What causes leukemia?

The causes of leukemia have not been established. It is believed that oncogenes - cellular genes homologous to retroviruses that cause leukemia in experimental animals and T-cell lymphoma (more often in adults) - are transmitted antenatally and in humans, leading to the first event of malignant growth - the formation of mutant transformed cells that are either destroyed or their growth is restrained by the body's defense systems. The second event: a second mutation in a transformed clone of cells, or a weakening of the defense systems (can occur both perinatally and postnatally). It is believed that the most likely factor causing the second event is viral infections. Risk factors that increase the likelihood of leukemia are known: primary and secondary immunodeficiencies, aplastic anemia and myelodysplasia, penetrating radiation, some chemicals (for example, benzene), cytostatic and X-ray therapy for tumors.

Pathogenesis of leukemia. According to the generally accepted clonal theory of leukemogenesis, all leukem cells are descendants of one parent cell that stopped differentiating at one of the early levels of maturation. A leukem tumor is self-sustaining, inhibits normal hematopoiesis, metastasizes, and grows outside the hematopoietic organs. Part of the leukem cell clone is actively proliferating, the "growth fraction," while the other part is the "dormant fraction," consisting of cells in the resting phase. It is emphasized that the number of a leukem clone at the time of clinical detection of leukemia is usually about 10 cells.
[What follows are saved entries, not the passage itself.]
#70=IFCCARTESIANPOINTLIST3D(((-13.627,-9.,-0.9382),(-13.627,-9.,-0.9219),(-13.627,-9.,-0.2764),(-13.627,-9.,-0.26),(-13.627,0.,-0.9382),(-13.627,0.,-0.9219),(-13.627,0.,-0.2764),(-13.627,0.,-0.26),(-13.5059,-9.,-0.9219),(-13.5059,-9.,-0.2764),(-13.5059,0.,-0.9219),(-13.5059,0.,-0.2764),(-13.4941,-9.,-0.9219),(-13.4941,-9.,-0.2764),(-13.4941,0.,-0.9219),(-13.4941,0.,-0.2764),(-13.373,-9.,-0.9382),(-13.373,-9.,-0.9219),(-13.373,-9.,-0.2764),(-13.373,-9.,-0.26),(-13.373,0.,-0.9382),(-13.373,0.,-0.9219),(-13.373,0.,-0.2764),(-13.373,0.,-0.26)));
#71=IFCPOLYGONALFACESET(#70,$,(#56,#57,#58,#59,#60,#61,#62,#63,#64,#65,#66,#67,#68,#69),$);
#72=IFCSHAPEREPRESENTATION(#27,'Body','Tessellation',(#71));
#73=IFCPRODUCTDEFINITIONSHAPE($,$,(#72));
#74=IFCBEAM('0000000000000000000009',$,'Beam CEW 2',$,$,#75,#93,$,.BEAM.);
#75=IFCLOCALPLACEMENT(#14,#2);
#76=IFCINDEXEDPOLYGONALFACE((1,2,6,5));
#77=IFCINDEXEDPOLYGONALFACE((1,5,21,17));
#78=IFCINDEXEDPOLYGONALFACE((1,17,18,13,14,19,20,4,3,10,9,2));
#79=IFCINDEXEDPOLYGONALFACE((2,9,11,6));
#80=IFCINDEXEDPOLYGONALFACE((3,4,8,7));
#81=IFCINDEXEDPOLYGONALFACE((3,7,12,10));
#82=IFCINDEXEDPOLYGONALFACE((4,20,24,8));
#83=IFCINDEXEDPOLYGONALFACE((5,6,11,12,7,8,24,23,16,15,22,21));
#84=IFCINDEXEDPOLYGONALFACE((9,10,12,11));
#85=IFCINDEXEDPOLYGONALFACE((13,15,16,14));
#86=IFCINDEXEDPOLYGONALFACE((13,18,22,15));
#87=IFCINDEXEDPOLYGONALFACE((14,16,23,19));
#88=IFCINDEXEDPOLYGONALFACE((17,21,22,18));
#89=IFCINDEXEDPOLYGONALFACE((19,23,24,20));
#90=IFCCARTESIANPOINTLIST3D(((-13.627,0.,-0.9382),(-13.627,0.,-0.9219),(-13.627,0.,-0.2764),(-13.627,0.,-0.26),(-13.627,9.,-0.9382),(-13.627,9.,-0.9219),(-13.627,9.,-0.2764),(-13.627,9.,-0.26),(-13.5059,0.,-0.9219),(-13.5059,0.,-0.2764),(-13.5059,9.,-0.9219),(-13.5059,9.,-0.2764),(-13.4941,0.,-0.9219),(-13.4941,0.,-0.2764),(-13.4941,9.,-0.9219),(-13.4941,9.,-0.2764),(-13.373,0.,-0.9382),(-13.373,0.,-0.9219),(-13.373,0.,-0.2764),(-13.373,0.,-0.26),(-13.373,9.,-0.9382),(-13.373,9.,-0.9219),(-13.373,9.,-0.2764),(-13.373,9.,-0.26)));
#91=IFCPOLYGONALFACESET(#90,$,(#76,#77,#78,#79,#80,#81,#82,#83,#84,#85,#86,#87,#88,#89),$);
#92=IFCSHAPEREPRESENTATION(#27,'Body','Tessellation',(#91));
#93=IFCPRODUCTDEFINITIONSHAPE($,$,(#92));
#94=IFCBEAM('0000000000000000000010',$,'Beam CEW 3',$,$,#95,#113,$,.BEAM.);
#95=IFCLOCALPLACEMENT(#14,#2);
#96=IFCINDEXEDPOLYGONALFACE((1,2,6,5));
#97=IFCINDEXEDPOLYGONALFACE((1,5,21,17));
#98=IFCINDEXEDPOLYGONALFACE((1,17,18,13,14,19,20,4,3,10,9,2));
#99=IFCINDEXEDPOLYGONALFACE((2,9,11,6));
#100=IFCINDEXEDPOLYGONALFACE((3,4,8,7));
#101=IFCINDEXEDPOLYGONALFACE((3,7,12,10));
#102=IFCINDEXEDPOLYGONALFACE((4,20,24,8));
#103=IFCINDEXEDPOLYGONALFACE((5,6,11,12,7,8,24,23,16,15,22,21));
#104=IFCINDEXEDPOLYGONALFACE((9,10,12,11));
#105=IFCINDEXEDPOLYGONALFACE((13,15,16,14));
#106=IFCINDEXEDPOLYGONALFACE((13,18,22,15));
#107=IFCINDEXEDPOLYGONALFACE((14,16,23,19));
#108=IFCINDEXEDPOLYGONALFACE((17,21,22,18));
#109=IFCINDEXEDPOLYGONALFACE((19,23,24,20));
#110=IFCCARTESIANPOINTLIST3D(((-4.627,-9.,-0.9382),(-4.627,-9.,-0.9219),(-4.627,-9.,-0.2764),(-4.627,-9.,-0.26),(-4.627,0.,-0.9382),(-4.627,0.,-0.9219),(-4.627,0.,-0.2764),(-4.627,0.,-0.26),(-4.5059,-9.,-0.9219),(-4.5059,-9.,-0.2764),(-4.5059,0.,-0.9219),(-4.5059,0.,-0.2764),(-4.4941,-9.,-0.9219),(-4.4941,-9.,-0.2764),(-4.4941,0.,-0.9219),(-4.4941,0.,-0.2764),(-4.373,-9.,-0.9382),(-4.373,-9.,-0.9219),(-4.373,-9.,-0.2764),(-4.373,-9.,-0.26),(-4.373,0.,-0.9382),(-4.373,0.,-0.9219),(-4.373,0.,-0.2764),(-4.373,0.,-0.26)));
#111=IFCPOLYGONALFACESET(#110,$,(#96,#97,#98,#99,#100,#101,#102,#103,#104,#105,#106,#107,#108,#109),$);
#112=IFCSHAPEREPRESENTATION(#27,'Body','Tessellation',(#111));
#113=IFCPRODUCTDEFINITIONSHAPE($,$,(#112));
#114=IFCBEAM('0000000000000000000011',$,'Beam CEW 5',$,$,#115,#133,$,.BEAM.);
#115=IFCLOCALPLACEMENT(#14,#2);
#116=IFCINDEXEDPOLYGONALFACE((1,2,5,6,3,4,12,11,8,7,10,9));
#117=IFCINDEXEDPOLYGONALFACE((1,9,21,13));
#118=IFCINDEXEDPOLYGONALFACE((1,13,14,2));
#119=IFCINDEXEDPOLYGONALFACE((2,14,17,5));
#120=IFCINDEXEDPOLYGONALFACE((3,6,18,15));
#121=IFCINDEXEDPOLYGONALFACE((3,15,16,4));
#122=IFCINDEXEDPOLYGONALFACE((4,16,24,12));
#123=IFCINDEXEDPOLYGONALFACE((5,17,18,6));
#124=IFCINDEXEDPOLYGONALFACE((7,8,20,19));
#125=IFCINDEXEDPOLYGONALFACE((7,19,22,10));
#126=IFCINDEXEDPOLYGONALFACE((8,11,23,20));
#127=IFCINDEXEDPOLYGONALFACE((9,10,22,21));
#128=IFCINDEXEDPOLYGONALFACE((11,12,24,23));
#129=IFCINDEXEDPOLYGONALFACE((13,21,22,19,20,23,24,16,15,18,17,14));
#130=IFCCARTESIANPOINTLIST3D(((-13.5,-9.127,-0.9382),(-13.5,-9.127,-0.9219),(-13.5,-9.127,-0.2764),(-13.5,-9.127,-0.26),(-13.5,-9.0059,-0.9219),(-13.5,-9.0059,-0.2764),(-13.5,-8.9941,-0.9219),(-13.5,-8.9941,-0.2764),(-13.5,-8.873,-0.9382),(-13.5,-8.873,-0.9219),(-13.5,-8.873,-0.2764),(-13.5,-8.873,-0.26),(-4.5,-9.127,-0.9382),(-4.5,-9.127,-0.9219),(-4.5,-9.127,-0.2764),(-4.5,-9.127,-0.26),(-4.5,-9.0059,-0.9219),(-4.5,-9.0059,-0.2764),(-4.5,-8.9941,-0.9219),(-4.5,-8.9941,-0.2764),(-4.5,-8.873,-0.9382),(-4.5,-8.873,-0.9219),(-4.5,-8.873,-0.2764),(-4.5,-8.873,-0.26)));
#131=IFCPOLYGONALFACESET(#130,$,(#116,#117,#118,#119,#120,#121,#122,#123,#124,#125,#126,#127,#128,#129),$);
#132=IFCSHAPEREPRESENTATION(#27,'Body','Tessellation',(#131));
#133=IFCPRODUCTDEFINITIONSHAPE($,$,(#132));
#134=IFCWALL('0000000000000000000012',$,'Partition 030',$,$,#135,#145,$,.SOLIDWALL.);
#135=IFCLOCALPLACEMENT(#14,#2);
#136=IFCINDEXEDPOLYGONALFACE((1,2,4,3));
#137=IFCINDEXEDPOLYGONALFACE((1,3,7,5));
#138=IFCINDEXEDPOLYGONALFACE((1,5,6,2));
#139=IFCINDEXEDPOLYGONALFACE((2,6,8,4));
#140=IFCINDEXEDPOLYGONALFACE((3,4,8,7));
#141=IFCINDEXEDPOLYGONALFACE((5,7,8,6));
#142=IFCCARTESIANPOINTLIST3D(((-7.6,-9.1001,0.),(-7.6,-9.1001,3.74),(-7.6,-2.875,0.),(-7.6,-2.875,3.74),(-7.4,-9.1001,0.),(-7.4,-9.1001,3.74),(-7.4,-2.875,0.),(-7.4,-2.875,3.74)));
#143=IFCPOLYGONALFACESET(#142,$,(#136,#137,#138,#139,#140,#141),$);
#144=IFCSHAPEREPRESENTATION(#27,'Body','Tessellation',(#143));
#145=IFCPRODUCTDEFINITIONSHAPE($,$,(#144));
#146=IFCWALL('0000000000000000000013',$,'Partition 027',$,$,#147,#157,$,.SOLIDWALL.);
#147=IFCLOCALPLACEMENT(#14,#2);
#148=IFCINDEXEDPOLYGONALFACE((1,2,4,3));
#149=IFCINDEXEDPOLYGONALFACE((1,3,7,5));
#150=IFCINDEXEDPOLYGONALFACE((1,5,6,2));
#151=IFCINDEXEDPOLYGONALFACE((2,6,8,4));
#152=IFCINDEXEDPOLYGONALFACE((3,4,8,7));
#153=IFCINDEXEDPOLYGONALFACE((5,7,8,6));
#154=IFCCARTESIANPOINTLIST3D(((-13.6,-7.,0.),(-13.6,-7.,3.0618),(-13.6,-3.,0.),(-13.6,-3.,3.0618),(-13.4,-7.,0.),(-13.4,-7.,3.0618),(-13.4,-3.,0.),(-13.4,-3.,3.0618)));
The minimum time required for the formation of such a number of cells is 1 year, the maximum is 10 years, with an average of 3.5 years. It follows that the trigger mechanism of leukemogenesis most likely acted on a child who developed acute leukemia in the perinatal period.
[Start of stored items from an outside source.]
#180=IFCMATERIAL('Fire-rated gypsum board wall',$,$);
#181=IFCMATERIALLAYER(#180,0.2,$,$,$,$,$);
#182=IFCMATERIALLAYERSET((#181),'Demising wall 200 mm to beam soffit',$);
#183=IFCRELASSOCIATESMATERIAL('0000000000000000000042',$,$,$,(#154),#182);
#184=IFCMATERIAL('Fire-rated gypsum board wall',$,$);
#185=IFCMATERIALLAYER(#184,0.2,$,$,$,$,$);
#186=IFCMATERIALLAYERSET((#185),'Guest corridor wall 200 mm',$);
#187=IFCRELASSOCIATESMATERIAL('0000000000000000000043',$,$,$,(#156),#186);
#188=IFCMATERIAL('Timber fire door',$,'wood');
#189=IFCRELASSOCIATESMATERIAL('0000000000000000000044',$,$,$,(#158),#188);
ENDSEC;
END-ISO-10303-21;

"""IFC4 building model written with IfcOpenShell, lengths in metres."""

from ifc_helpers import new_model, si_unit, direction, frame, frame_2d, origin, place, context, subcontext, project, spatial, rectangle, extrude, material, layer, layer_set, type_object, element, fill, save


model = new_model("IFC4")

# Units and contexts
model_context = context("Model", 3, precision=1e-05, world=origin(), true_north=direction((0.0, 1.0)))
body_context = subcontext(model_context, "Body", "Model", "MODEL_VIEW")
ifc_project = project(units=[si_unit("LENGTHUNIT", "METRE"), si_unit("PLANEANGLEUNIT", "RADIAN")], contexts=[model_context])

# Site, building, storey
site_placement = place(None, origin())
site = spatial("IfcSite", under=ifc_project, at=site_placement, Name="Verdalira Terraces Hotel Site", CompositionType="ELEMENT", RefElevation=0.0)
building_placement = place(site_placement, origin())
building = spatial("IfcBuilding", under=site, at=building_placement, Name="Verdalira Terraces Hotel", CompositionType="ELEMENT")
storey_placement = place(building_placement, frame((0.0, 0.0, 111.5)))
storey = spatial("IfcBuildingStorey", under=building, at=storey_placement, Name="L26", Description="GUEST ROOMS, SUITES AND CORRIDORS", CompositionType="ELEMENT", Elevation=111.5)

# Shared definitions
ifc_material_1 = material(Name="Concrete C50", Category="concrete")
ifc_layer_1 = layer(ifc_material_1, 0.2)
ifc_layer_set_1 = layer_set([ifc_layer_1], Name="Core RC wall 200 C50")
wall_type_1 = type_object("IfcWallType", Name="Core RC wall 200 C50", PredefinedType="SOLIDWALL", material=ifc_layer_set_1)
The most characteristic feature of tumor progression in the bone marrow in acute leukemia is the suppression of normal hematopoiesis, which determines the most typical changes found in the peripheral blood of patients with acute leukemia: anemia + neutropenia + thrombocytopenia. This occurs due to the fact that most blasts in leukemia have the properties of normal cells - hematopoiesis precursors, which can suppress the maturation of normal stem cells. According to modern concepts, at the time of achieving the first clinical remission in a child with acute lymphoblastic leukemia (absence of physical symptoms of acute leukemia, normal peripheral blood picture, the content of blast elements in the myelogram is no more than 5% and lymphocytes are no more than 20%), he has at least 10 -109 leukemic cells, i.e. chemotherapy in remission must be continued (at least 3 years). In addition to the bone marrow, leukemic cells are especially often (up to 75% of patients) present in the brain and its membranes, and in boys very often in the testicles. This dictates the need for targeted therapy specifically for these organs (local X-ray therapy, endolumbar administration of chemotherapy, etc.).
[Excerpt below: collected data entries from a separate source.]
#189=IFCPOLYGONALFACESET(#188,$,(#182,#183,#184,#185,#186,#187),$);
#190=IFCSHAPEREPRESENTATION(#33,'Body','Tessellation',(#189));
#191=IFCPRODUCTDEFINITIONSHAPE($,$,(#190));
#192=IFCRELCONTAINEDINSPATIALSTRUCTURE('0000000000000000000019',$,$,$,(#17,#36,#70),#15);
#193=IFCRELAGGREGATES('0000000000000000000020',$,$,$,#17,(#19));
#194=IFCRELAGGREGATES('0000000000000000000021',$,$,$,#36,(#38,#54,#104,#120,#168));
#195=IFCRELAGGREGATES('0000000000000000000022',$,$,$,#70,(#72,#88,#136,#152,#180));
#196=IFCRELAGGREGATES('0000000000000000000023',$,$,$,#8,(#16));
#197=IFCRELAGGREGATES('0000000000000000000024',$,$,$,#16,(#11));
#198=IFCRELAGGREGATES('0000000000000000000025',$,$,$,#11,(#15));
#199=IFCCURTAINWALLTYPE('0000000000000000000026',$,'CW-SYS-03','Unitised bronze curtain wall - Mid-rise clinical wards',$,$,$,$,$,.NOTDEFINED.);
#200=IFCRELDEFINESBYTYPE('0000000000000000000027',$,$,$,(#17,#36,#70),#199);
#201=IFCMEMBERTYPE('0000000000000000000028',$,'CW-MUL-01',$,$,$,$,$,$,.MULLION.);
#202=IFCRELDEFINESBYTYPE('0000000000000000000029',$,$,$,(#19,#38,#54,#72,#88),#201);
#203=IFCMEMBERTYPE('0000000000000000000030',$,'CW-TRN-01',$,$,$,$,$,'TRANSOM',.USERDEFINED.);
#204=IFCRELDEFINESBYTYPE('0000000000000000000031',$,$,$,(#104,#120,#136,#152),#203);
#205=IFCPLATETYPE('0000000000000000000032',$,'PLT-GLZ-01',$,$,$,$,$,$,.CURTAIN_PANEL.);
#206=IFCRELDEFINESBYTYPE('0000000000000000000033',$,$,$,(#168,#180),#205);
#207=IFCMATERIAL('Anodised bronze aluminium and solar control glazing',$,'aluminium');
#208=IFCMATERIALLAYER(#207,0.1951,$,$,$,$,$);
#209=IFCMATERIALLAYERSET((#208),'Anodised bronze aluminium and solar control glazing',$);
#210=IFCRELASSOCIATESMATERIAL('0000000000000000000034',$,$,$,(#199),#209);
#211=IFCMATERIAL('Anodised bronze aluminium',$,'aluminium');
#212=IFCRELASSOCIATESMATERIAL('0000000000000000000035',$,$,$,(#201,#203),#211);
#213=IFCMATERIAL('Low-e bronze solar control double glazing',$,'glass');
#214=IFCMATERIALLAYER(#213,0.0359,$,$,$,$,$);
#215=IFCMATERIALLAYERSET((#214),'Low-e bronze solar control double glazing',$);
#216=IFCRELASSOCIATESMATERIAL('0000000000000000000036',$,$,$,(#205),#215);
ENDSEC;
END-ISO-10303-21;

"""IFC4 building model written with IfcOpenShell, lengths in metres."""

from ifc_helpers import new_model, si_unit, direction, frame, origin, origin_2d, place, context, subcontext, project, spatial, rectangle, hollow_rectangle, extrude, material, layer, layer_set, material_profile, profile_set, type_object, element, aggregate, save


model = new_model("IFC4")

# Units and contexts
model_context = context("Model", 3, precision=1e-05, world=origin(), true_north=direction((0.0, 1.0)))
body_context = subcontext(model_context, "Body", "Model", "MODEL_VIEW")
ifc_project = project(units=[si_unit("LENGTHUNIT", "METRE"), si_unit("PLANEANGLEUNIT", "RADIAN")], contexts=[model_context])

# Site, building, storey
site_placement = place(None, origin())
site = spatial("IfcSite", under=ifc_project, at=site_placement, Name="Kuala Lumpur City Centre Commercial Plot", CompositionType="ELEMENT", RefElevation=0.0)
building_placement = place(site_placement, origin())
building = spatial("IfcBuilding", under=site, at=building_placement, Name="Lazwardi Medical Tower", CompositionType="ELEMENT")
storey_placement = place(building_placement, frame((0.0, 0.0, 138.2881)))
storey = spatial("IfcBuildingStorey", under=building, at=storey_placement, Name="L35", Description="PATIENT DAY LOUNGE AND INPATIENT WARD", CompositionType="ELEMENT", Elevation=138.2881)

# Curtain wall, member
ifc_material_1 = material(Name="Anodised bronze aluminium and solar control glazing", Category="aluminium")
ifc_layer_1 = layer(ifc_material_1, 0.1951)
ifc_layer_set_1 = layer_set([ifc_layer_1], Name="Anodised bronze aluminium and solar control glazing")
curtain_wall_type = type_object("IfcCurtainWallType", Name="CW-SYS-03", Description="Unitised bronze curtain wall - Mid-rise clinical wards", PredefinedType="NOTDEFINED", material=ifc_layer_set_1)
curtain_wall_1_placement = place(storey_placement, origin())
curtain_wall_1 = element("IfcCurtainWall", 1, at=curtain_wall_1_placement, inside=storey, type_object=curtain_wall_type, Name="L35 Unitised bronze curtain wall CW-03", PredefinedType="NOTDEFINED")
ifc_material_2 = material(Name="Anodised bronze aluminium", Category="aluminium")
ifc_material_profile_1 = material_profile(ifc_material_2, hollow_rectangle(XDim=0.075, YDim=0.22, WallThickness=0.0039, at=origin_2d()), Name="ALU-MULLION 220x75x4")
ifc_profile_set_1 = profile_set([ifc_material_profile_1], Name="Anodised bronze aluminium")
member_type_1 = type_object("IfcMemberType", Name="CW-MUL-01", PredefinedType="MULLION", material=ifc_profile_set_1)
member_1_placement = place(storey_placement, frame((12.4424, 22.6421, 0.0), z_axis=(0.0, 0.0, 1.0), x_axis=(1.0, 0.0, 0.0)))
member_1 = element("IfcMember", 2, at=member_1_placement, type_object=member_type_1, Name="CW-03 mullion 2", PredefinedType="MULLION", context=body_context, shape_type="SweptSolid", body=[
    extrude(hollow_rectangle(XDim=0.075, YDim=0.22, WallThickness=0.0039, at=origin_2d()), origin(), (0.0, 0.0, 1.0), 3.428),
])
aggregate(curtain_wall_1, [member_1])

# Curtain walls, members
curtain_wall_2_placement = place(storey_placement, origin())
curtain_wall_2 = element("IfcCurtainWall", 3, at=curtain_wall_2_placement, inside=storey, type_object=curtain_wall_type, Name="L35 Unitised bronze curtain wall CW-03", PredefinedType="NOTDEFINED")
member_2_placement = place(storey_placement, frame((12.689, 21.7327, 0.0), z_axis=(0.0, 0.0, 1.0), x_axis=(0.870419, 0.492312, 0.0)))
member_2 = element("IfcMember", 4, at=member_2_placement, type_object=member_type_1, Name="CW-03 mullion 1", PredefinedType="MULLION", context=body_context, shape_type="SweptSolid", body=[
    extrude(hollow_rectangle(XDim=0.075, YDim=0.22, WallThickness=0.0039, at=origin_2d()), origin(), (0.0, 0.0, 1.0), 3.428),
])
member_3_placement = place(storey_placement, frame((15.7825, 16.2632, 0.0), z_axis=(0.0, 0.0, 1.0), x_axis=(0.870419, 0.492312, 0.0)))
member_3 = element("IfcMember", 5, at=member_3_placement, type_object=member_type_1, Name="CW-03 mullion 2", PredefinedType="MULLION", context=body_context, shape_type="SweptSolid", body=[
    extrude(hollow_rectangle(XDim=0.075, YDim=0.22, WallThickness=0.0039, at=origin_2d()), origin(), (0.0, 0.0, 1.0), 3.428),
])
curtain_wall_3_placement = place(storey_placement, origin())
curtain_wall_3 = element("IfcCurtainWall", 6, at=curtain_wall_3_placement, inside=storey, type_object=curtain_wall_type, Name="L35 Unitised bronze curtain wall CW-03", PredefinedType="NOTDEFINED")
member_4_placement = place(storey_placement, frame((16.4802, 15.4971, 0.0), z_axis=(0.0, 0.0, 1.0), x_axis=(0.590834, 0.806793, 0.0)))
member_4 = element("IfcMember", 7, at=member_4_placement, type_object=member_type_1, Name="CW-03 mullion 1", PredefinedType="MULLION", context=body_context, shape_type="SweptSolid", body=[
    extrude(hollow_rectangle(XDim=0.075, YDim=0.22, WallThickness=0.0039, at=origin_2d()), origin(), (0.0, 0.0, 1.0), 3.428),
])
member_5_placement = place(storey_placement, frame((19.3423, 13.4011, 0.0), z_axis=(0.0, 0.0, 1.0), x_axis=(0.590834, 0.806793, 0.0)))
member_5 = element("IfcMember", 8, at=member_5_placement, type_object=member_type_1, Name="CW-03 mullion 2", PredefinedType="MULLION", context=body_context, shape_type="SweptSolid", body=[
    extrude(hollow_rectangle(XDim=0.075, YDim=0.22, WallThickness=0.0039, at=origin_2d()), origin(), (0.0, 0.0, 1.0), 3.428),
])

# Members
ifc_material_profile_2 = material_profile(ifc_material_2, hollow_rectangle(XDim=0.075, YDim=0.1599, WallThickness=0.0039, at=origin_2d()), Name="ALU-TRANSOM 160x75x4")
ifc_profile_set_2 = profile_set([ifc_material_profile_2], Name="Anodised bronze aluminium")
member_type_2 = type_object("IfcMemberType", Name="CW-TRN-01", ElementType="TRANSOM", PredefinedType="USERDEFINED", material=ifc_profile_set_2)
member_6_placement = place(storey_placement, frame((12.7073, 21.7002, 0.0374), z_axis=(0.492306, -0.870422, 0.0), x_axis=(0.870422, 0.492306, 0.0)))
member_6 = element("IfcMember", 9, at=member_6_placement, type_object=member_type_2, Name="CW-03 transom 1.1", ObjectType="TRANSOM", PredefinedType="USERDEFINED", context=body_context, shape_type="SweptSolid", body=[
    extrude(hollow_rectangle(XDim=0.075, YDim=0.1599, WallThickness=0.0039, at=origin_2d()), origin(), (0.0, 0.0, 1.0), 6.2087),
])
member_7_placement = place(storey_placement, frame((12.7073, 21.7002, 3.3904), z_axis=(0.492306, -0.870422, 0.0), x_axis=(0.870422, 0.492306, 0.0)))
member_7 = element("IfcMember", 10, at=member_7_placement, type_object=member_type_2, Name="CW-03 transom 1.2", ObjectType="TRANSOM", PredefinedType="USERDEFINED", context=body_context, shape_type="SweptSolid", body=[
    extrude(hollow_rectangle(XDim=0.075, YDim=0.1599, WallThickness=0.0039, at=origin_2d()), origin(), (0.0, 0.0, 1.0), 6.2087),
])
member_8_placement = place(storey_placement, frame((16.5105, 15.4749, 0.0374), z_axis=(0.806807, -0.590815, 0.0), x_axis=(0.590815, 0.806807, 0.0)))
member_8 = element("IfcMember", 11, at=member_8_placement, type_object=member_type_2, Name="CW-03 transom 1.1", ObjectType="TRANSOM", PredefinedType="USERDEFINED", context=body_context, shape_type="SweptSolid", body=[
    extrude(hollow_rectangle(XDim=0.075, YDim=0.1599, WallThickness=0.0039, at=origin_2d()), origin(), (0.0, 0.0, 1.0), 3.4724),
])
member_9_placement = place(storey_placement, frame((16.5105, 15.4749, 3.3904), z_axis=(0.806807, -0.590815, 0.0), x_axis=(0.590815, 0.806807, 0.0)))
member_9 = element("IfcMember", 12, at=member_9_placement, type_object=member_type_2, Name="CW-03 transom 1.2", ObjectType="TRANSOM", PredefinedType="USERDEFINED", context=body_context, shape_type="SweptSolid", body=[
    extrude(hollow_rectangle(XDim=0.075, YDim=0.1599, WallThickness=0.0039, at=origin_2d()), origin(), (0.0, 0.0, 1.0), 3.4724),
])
There are 3 morphological variants of acute lymphoblastic leukemia:

• L1 (lymphoblasts are predominantly small in size with homogeneous nuclear chromatin, clearly stained, without nucleoli, a small amount of cytoplasm);
• L2 (large lymphoblasts, heterogeneous in size, with irregular nuclear membrane, one or more distinct nucleoli, large amount of cytoplasm);
• L3 (lymphoblasts are large, their sizes do not vary, pronounced basophilia of the cytoplasm with characteristic vacuolization).

According to membrane and other marker antigens, the following are distinguished:

• T-cell acute lymphoblastic leukemia (15-25% of all ALL in children);
• B-cell and pre-B-cell (1-3% of ALL in children);
• O-cell - unidentifiable acute lymphoblastic leukemia (no immunoglobulins, CD ⁴ or other T-cell markers were detected on the surface of the lymphoblasts or in the cytoplasm) - 70-80% of children with ALL.

Among ONLLs, the following stand out:

• M1-myeloblastic, no maturation;
• M2-myeloblastic, incomplete maturation;
• M3-promyelocytic;
• M4-myelomonoblastic;
• M5-monoblastic;
• MB-erythromyelosis;
• M7-megakaryoblastic.

Chronic myelogenous leukemia is divided into adult type, juvenile type, and blast crisis. Congenital leukemia is usually described as a special form of acute leukemia.